You are charged with contempt of court. Do you wish to say anything in reply or explanation?

Mr Robinson: That is not true. I did not say that.

By the Court: Do you wish to say what you did say?

Mr Robinson: I do not wish to say what I said.

By the Court: Note: You are charged that you saids to that effect.

Mr Robinson: I have nothing to say.

Found guilty. fined K100 and you are not to appear before any court until fine is paid.”

Shortly after the conviction and sentence was recorded, Mr Robinson obtained an order staying the effect of the penalty imposed.

EVIDENCE

It is clear from the transcript that there was no evidence before the Court. The conversation which took place in the Judge’s chambers the previous evening was not evidence. Indeed the conversation was of such a nature that the trial Judge should have excluded himself from any further proceedings arising from the allegations raised by it.

PROCEDURE

The rules of the National Court contain a comprehensive statement of the procedure to be followed in cases involving contempt of court (0 14, r 38) and in other situations where the contempt complained of is in connection with proceedings in the court (0 14, r 42).

The correct procedure in a case such as this one would be by notice of motion or originating summons with supporting evidence by way of affidavit (0 14, r 44), and see the State v Mark Taua, Re AwaitaContempt Proceedings [1985] PNGLR 179. The State Prosecutor would be a competent person to initiate such proceedings.

If the correct procedure had been adopted, the matter would, in our view, need to be listed before another judge, due to the events which took place in the Judge’s chambers.

PENALTY

As this appeal was determined principally on the issue of the evidence before the trial judge there was little need for argument on the question of penalty and order for enforcement.

However, we consider that we should make reference to the penalty imposed by the trial judge where he ordered that the lawyer be fined K100 and precluded him from appearing before any court until the fine was paid.

A similar sanction of enforcement was used in The State v Mark Taua, Re AwaitaContempt Proceedings, where after imposing a fine of K1,000, the court ordered “that until that fine is paid, you are barred from the precincts of the National Court in Papua New Guinea”.
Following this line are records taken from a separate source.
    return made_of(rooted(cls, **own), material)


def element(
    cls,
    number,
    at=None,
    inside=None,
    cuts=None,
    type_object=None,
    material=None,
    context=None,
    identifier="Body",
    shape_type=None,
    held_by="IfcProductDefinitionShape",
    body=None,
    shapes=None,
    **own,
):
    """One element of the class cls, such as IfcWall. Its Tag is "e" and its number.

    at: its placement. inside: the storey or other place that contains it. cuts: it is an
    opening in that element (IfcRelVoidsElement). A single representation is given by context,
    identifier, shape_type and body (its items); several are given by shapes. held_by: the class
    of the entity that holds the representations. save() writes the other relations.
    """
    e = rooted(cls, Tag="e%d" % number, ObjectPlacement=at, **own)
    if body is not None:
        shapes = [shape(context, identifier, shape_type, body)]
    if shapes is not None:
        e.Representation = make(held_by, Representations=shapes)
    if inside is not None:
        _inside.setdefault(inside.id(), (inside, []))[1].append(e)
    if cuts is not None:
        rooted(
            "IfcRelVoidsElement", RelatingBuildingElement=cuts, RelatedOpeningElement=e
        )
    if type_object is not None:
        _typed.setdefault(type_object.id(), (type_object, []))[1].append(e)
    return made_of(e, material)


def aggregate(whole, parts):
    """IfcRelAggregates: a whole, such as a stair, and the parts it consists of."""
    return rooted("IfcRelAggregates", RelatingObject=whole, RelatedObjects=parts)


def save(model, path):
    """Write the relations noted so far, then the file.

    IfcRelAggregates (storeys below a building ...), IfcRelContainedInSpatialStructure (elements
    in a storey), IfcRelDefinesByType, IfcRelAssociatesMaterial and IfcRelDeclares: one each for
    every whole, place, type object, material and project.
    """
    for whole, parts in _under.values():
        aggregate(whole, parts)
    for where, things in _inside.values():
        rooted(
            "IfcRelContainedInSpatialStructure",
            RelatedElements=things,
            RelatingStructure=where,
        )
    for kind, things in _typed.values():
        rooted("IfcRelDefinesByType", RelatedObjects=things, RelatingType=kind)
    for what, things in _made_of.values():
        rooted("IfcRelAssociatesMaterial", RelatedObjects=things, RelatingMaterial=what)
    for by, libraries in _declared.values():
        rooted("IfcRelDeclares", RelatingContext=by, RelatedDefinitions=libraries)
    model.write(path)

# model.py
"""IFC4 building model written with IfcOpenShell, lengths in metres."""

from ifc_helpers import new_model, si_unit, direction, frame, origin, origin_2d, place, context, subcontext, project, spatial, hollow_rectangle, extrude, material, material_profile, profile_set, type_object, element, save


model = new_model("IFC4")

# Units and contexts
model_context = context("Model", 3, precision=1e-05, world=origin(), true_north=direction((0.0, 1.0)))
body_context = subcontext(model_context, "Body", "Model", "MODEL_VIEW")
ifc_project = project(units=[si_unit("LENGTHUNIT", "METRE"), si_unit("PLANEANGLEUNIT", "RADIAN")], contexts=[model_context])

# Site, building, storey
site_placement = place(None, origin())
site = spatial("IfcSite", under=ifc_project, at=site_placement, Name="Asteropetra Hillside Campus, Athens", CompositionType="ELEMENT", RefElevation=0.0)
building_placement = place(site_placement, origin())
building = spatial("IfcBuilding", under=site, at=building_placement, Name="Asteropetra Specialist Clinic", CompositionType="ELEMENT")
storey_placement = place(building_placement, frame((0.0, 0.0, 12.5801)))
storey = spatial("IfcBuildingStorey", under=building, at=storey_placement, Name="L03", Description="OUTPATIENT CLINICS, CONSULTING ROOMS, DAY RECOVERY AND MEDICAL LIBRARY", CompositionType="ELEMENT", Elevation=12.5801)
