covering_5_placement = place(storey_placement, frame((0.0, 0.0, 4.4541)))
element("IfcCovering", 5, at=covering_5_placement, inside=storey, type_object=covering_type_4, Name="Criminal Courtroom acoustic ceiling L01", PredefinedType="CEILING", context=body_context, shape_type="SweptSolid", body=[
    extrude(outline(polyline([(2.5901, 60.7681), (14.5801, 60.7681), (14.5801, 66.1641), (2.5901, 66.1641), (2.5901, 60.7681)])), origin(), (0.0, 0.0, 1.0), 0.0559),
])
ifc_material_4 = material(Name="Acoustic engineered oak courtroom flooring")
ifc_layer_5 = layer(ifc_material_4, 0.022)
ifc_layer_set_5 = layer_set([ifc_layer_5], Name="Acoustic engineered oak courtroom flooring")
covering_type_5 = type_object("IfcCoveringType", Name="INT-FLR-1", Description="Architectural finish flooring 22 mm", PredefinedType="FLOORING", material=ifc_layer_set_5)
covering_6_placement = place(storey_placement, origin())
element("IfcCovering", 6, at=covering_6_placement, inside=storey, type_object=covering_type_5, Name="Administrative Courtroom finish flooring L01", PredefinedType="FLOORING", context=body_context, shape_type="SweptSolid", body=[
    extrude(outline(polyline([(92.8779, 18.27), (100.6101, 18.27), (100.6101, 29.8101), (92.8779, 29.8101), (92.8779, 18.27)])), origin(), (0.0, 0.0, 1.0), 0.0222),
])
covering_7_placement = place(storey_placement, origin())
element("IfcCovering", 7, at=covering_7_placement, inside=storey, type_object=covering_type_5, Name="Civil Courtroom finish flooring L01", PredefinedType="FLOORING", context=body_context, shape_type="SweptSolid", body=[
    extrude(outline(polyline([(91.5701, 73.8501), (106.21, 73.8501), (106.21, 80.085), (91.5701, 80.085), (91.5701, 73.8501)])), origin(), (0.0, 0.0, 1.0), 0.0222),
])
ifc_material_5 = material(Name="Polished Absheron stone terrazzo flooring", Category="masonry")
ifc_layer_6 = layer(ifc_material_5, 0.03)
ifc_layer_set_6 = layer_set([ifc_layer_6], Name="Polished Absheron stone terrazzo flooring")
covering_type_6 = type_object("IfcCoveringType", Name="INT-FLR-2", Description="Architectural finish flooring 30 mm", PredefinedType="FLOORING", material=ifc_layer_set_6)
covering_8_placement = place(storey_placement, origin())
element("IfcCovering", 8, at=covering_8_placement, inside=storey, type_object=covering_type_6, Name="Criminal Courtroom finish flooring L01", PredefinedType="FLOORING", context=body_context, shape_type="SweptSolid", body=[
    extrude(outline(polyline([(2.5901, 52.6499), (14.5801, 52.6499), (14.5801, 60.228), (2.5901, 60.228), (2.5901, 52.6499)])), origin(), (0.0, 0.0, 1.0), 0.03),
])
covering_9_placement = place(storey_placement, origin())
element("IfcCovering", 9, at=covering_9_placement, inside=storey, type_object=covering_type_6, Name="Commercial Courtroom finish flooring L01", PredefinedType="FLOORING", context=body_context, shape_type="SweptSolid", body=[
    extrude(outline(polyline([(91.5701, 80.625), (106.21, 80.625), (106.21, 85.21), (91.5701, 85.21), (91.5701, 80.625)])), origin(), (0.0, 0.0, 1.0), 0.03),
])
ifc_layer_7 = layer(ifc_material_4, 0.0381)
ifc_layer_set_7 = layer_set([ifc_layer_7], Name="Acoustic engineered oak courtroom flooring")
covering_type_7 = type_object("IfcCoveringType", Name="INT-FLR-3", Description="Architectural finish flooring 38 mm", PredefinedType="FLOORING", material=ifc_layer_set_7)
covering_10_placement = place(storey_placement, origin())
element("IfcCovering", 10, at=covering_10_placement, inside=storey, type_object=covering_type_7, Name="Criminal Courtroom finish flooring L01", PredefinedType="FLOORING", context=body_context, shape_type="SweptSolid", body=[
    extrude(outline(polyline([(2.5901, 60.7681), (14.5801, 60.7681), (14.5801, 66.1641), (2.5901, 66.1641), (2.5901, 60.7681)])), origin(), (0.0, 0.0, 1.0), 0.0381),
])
The continued application of the sanction whereby a lawyer is precluded from appearing until a fine is paid needs to be very cautiously considered as it appears to raise substantive issues as to the power of the court to so order, the relationship between the courts power and the provisions of the Lawyers Act, (Ch No 91) the issue of whether such a method of enforcement is legal and whether such a sanction amounts to double punishment and is harsh and oppressive.

Appeal allowed

Lawyer for appellant: Anthony Regan.